Taiwan Semiconductor Manufacturing Company (TSMC) has become the heart of today’s technological revolution. In a world where artificial intelligence (AI) sets the pace for economic and geopolitical development, this Taiwanese company plays a key role as the dominant manufacturer of advanced chips. In an environment marked by trade tensions, currency fluctuations, and regulatory pressure, TSMC demonstrates exceptional strength, positioning it as one of the most strategic companies on the planet.

During the first quarter of 2025, TSMC reported revenues of $18.865 billion, representing a 16.5% year-on-year increase, and a net profit of $7.22 billion. Its gross margin reached 53.1%, while earnings per share stood at $2.12, beating market expectations. This performance reflects not only flawless execution but also strong demand in key sectors such as high-performance computing (HPC), mobile devices, and above all, applications linked to artificial intelligence. The boom in generative AI has driven up the need for advanced chips with massive processing capabilities. Companies like Nvidia, AMD, and Apple rely on TSMC for the production of the most sophisticated semiconductors, manufactured using 3nm processes and, soon, 2nm. According to the company’s own statements, revenue from AI accelerators is expected to double in 2025 compared to the previous year, confirming its central role in this new digital era.
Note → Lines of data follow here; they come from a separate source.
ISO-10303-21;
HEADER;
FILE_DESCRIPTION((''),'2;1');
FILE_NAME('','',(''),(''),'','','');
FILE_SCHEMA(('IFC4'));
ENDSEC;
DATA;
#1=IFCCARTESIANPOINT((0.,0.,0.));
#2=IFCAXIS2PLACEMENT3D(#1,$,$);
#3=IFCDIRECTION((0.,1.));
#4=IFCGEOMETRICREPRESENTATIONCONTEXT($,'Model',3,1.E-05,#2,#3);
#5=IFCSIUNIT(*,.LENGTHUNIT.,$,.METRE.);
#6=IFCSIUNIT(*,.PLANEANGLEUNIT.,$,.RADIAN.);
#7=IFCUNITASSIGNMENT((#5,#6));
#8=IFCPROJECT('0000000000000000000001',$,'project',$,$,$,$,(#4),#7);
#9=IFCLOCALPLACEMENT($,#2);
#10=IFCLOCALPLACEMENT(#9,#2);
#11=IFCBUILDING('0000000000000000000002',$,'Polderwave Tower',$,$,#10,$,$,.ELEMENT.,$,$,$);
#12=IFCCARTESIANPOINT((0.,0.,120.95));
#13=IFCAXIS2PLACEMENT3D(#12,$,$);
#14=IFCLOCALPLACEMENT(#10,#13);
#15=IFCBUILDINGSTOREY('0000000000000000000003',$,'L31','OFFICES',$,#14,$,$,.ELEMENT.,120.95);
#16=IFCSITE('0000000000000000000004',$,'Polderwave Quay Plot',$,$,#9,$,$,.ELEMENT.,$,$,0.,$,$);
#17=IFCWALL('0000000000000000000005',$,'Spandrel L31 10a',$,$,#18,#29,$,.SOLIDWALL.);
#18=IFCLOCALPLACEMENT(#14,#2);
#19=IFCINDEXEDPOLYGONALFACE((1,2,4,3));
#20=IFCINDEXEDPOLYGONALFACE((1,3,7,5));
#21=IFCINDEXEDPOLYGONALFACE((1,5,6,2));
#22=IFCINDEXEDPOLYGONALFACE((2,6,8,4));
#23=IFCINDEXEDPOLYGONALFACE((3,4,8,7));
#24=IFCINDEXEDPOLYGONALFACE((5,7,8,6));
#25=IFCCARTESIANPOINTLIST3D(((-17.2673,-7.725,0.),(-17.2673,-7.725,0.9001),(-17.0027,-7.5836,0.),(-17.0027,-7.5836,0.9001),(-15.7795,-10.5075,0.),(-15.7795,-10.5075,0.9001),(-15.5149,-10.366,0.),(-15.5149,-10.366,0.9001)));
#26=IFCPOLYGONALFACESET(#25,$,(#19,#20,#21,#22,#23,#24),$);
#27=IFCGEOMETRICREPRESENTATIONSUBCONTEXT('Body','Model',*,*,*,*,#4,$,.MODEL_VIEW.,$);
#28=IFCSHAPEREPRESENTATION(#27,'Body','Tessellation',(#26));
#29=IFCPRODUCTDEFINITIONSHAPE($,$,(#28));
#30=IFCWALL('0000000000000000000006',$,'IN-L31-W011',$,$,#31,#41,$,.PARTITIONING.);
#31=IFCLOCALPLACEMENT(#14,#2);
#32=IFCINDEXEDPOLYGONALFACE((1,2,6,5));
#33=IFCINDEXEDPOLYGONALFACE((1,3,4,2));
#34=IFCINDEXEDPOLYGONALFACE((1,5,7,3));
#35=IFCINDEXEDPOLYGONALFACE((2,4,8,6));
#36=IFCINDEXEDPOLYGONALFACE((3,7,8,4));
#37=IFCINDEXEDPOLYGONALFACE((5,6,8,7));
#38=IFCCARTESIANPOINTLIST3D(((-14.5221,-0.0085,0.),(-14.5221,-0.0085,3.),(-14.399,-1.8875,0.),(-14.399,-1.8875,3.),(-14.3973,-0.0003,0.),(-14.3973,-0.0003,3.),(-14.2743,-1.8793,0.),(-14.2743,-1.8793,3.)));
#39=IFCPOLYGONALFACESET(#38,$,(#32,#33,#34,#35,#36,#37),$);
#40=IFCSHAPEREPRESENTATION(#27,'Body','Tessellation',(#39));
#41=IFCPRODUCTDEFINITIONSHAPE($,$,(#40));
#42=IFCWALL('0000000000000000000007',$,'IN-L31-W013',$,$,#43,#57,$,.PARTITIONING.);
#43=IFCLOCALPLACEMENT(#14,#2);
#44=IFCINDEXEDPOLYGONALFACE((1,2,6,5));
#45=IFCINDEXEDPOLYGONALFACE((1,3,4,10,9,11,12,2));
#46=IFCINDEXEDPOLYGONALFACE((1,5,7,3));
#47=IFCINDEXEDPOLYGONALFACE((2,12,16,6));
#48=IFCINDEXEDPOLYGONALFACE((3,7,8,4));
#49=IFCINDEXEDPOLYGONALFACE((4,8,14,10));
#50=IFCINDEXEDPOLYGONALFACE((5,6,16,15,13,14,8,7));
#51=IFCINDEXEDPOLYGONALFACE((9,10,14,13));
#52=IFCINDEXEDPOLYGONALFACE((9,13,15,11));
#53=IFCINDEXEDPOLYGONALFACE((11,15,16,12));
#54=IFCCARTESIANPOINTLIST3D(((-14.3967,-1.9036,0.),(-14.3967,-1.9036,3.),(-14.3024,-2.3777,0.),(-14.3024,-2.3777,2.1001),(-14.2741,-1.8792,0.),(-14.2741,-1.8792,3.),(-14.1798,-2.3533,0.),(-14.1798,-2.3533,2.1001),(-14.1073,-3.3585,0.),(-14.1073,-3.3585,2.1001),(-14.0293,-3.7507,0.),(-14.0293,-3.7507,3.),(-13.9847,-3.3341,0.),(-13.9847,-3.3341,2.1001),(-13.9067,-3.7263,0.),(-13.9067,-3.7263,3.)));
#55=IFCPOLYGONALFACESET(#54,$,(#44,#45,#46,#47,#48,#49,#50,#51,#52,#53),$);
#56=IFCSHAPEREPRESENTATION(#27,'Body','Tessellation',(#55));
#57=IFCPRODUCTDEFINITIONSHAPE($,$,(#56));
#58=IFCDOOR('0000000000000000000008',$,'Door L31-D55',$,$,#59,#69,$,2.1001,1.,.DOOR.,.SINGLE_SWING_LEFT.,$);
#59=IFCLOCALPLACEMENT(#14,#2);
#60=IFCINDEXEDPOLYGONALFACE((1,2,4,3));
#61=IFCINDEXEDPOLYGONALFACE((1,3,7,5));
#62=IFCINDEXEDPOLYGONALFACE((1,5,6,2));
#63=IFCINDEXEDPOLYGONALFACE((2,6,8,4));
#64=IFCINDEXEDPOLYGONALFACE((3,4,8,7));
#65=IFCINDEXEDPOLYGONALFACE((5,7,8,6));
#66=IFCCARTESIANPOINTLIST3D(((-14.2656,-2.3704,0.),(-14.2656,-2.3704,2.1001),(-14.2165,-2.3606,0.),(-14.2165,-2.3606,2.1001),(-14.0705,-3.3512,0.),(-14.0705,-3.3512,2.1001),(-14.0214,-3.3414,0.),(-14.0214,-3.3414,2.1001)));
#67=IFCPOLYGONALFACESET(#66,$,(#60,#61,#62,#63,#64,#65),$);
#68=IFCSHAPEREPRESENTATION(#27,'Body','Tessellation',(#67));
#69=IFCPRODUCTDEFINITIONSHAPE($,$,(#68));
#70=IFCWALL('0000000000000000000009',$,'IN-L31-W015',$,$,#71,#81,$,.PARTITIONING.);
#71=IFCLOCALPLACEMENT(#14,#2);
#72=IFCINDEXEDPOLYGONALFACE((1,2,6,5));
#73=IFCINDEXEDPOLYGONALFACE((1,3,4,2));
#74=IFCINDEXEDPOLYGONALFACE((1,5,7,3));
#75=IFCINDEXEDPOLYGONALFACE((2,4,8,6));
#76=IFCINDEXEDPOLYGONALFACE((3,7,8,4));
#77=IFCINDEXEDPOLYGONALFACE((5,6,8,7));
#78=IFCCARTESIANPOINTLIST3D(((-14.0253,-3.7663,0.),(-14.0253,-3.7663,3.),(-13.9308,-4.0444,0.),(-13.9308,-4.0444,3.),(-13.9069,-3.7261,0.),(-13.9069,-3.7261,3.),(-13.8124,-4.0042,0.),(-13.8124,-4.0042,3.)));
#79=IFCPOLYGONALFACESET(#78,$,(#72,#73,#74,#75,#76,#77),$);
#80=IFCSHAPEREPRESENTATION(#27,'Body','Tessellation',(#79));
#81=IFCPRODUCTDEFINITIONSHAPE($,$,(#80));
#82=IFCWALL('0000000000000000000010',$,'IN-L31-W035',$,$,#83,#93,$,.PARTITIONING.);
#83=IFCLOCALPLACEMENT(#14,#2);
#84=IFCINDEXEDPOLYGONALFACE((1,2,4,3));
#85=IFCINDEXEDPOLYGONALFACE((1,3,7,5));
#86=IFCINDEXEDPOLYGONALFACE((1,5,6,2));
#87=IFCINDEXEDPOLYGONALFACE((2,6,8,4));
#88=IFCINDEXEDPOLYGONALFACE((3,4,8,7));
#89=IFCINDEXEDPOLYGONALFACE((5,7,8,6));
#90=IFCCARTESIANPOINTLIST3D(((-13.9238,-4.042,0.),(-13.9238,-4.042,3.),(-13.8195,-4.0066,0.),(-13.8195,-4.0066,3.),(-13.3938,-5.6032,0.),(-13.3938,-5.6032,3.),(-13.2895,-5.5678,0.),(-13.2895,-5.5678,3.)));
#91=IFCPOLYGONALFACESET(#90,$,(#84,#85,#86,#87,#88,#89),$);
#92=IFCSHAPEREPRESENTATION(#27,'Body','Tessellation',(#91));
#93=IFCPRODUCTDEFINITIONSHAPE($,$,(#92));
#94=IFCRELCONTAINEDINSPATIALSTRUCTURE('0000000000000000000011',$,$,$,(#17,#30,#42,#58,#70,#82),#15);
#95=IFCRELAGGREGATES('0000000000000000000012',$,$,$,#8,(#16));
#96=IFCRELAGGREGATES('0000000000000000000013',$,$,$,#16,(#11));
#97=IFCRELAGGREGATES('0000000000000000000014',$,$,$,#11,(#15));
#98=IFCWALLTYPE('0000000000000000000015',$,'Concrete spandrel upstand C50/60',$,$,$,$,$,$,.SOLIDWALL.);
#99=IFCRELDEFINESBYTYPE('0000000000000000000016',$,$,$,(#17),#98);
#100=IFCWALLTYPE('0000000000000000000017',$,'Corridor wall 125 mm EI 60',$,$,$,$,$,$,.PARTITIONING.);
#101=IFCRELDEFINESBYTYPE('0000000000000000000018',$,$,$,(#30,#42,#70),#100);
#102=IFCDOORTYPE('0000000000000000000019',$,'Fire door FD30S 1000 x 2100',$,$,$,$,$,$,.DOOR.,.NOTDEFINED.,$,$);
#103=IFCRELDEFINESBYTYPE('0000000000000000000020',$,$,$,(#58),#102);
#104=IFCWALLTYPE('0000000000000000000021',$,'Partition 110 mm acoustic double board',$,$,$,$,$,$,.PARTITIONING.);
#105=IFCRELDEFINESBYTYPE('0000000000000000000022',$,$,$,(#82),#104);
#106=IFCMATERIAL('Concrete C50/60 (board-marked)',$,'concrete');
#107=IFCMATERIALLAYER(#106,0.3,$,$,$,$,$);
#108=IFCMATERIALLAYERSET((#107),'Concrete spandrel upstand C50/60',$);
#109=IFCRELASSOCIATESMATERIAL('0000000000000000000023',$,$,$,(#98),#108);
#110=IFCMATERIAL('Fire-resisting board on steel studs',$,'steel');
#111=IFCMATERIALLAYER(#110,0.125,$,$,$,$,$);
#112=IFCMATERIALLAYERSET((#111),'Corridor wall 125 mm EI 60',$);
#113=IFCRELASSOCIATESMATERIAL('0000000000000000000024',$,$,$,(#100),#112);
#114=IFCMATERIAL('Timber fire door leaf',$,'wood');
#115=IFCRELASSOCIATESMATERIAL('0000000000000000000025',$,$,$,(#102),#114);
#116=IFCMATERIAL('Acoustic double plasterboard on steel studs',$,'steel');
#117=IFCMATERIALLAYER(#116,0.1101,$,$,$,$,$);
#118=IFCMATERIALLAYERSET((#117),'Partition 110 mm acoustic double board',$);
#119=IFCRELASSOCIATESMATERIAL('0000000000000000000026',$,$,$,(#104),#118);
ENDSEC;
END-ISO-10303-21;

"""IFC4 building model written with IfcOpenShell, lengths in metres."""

from ifc_helpers import new_model, si_unit, direction, frame, frame_2d, origin, place, context, subcontext, project, spatial, rectangle, extrude, material, layer, layer_set, type_object, element, fill, save


model = new_model("IFC4")

# Units and contexts
model_context = context("Model", 3, precision=1e-05, world=origin(), true_north=direction((0.0, 1.0)))
body_context = subcontext(model_context, "Body", "Model", "MODEL_VIEW")
ifc_project = project(units=[si_unit("LENGTHUNIT", "METRE"), si_unit("PLANEANGLEUNIT", "RADIAN")], contexts=[model_context])

# Site, building, storey
site_placement = place(None, origin())
site = spatial("IfcSite", under=ifc_project, at=site_placement, Name="Polderwave Quay Plot", CompositionType="ELEMENT", RefElevation=0.0)
building_placement = place(site_placement, origin())
building = spatial("IfcBuilding", under=site, at=building_placement, Name="Polderwave Tower", CompositionType="ELEMENT")
storey_placement = place(building_placement, frame((0.0, 0.0, 120.95)))
storey = spatial("IfcBuildingStorey", under=building, at=storey_placement, Name="L31", Description="OFFICES", CompositionType="ELEMENT", Elevation=120.95)

# Walls
ifc_material_1 = material(Name="Concrete C50/60 (board-marked)", Category="concrete")
ifc_layer_1 = layer(ifc_material_1, 0.3)
ifc_layer_set_1 = layer_set([ifc_layer_1], Name="Concrete spandrel upstand C50/60")
wall_type_1 = type_object("IfcWallType", Name="Concrete spandrel upstand C50/60", PredefinedType="SOLIDWALL", material=ifc_layer_set_1)
wall_1_placement = place(storey_placement, frame((-17.135, -7.6543, 0.0), z_axis=(0.0, 0.0, 1.0), x_axis=(0.471528, -0.881851, 0.0)))
element("IfcWall", 1, at=wall_1_placement, inside=storey, type_object=wall_type_1, Name="Spandrel L31 10a", PredefinedType="SOLIDWALL", context=body_context, shape_type="SweptSolid", body=[
    extrude(rectangle(XDim=3.1553, YDim=0.3, at=frame_2d((1.5776, 0.0))), origin(), (0.0, 0.0, 1.0), 0.9001),
])
ifc_material_2 = material(Name="Fire-resisting board on steel studs", Category="steel")
ifc_layer_2 = layer(ifc_material_2, 0.125)
ifc_layer_set_2 = layer_set([ifc_layer_2], Name="Corridor wall 125 mm EI 60")
wall_type_2 = type_object("IfcWallType", Name="Corridor wall 125 mm EI 60", PredefinedType="PARTITIONING", material=ifc_layer_set_2)
wall_2_placement = place(storey_placement, frame((-14.3367, -1.8833, 0.0), z_axis=(0.0, 0.0, 1.0), x_axis=(-0.06534, 0.997863, 0.0)))
element("IfcWall", 2, at=wall_2_placement, inside=storey, type_object=wall_type_2, Name="IN-L31-W011", PredefinedType="PARTITIONING", context=body_context, shape_type="SweptSolid", body=[
    extrude(rectangle(XDim=1.8831, YDim=0.125, at=frame_2d((0.9414, 0.0))), origin(), (0.0, 0.0, 1.0), 3.0),
])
TSMC leads not only in technology but also in scale and efficiency. With over 50% of the global chip foundry market, the company has maintained EBITDA margins above 65%, a cash position exceeding $60 billion, and a highly competitive cost structure. Its “pure foundry” business model, which avoids competing with its clients in chip design, has made it an irreplaceable strategic partner. Its expansion plans include new facilities in the U.S. and Japan, with a global investment of over $100 billion aimed at strengthening its production capacity outside Taiwan. This strategy responds both to the national security demands of developed countries and to the growing fragmentation of the global supply chain.
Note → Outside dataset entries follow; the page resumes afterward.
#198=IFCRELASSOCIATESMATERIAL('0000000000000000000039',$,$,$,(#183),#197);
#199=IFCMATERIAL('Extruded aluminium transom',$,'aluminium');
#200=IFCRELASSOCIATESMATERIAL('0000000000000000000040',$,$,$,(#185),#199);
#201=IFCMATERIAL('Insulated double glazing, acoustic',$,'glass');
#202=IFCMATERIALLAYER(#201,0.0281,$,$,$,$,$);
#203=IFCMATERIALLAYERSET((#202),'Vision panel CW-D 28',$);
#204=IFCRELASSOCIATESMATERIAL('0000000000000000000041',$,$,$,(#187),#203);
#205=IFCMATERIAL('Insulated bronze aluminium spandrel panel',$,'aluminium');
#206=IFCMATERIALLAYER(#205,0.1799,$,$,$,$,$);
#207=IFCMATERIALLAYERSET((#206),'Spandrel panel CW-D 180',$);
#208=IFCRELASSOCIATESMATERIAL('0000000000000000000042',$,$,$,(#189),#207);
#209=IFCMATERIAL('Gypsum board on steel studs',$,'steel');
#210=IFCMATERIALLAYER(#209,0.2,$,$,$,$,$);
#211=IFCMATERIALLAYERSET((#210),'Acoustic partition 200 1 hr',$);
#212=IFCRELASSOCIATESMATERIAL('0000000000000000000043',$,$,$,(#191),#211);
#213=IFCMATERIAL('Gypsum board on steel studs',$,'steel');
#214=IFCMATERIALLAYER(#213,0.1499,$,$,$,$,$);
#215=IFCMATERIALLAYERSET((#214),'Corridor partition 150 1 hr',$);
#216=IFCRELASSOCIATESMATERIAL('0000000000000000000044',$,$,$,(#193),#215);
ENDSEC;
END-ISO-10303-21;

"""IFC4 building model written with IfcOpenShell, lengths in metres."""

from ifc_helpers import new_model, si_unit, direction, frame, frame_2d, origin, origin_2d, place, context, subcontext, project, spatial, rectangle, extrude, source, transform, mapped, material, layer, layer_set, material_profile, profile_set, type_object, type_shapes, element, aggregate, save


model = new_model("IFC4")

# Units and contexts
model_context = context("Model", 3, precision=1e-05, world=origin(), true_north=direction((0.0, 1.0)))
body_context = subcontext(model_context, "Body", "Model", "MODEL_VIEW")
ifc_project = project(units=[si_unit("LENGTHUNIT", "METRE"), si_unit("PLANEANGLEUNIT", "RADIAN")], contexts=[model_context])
On the currency front, amid escalating trade tensions and a highly volatile exchange rate environment, the Taiwanese dollar (TWD) has posted its largest advance since 1988, appreciating more than 10% against the U.S. dollar (USD) over the past month. This rally has coincided with growing speculation over a potential trade agreement between Taiwan and the U.S., as well as a pullback in the dollar driven by macroeconomic uncertainty and more aggressive tariff policies from Donald Trump. This poses a risk to the company’s operating margins. TSMC has acknowledged that each 1% strengthening of the TWD can negatively impact its margins by 0.4%. However, the strong growth in demand and its ability to pass on part of the costs to customers help mitigate this effect.
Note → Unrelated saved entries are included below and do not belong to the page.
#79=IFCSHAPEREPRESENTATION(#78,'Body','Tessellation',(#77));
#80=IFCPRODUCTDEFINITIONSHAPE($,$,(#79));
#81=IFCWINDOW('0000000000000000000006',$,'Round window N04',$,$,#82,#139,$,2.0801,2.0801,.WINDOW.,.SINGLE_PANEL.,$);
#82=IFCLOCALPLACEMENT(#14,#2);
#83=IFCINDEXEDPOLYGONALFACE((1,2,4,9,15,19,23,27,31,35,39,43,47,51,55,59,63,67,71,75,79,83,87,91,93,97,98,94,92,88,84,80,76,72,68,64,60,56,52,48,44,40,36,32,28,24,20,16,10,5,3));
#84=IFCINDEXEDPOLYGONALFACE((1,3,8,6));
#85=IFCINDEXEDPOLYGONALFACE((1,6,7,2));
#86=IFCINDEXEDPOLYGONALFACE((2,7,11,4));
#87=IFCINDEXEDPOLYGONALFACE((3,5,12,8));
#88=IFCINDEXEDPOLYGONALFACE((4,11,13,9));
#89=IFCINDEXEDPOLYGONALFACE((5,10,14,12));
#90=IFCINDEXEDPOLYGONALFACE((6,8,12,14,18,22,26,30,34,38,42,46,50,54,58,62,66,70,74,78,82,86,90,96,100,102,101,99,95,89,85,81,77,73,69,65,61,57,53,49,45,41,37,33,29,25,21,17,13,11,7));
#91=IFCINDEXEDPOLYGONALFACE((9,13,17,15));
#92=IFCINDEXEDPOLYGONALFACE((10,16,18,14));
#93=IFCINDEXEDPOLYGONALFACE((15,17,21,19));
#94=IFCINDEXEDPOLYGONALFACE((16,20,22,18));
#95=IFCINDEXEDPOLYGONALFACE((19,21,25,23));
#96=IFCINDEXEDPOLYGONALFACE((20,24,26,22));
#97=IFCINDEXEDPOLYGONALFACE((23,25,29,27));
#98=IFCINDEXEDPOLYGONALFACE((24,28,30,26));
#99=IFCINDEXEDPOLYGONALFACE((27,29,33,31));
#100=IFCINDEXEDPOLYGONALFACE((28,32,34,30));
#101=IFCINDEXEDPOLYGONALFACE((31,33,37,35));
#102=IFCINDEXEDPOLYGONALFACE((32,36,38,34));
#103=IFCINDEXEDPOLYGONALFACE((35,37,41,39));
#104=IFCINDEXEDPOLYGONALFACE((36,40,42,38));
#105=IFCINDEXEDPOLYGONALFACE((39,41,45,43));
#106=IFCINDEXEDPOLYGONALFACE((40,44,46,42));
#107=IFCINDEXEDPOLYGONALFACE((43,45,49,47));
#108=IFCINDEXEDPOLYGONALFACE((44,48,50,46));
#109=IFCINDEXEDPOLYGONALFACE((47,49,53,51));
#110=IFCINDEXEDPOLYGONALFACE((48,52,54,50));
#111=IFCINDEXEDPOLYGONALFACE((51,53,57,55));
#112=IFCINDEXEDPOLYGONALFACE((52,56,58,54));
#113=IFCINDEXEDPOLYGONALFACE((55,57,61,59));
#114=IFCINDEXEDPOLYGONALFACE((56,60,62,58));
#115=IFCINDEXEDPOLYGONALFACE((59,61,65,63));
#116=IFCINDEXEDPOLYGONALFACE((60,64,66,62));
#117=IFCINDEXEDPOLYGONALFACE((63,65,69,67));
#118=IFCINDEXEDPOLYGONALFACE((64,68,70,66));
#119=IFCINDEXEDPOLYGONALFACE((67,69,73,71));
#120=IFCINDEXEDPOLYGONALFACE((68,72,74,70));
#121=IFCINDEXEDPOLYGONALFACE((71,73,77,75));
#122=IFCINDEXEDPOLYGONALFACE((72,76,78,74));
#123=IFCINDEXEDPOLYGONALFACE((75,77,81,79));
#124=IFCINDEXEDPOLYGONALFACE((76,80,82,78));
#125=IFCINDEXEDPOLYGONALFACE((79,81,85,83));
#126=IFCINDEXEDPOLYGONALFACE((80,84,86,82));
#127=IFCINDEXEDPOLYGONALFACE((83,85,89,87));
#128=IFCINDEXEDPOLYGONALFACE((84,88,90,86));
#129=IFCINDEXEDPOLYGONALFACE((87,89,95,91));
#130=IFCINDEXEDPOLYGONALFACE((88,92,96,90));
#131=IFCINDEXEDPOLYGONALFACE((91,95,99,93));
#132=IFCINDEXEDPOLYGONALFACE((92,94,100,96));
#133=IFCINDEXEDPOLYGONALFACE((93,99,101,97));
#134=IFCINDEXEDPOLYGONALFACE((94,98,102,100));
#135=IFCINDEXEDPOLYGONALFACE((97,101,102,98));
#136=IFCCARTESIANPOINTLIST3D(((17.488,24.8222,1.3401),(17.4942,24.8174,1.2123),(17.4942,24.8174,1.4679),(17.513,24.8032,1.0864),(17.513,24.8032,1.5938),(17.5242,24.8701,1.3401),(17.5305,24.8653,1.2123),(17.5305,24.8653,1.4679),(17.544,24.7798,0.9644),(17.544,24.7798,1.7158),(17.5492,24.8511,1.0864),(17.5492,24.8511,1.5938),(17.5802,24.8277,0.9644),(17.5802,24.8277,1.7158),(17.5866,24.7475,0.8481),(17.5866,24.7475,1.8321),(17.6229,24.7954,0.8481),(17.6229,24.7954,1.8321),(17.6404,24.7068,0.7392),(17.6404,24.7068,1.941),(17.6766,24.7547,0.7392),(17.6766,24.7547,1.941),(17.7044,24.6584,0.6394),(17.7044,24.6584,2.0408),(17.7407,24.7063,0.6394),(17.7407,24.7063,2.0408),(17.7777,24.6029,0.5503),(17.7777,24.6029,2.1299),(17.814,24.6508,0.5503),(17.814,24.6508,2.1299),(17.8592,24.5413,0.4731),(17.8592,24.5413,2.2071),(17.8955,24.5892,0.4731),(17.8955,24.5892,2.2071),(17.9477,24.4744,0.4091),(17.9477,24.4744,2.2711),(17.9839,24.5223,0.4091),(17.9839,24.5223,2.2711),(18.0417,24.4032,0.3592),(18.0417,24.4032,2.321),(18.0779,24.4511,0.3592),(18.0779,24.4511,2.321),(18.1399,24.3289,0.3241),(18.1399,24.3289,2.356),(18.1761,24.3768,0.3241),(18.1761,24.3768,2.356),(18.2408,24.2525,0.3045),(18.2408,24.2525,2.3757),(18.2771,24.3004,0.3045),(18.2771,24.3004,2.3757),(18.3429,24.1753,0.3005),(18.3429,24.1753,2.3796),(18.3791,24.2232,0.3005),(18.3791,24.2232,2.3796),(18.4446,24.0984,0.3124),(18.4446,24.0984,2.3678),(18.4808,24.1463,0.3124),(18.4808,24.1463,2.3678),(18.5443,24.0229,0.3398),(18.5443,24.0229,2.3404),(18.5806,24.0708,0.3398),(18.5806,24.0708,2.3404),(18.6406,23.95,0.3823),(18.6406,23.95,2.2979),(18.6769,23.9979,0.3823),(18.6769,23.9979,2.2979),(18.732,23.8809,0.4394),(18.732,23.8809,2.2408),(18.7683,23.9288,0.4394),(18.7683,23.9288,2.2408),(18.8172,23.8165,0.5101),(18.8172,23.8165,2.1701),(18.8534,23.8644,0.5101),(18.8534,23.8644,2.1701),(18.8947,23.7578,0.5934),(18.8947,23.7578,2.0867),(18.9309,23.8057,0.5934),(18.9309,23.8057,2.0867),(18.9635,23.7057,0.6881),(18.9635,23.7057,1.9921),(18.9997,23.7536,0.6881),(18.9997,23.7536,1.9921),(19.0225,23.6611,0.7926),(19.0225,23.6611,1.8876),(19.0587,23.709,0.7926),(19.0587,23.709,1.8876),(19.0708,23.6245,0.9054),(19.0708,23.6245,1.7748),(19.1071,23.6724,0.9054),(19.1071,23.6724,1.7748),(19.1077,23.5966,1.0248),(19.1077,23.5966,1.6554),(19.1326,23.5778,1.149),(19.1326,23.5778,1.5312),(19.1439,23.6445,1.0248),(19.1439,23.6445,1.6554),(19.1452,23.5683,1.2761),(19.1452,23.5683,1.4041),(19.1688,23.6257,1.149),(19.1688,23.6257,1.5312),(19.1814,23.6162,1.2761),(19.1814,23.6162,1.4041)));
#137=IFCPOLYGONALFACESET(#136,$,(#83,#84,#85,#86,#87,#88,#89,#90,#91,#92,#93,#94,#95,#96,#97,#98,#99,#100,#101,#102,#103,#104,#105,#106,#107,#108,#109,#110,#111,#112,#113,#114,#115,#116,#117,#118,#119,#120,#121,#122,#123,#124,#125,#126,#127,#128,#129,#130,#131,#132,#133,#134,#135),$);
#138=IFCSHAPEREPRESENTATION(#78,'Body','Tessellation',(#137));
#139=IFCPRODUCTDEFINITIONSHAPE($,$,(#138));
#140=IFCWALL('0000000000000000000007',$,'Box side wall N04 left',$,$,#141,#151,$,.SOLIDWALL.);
Technical Analysis (TSM.US)
Looking at the company’s stock price, since Monday, April 7, it has been recovering toward the mid-point of the bell curve at $172.23, the closing price from the previous session. Its January highs act as resistance, creating a range between the highs at $222.66 and the support at $132.32. The RSI is slightly imbalanced at 58.84%. Currently, the moving average crossover has expanded upward, with the 50-day average crossing above the 100-day average, although the 200-day average remains above both. It is possible that we may soon see a bullish move aiming to surpass $196 as a first step toward new highs.

With a still reasonable valuation compared to other tech giants, TSMC represents a strategic investment opportunity at the epicenter of the digital transformation. Its technological leadership, financial strength, and geopolitical role make it a fundamental piece of the new global technological order.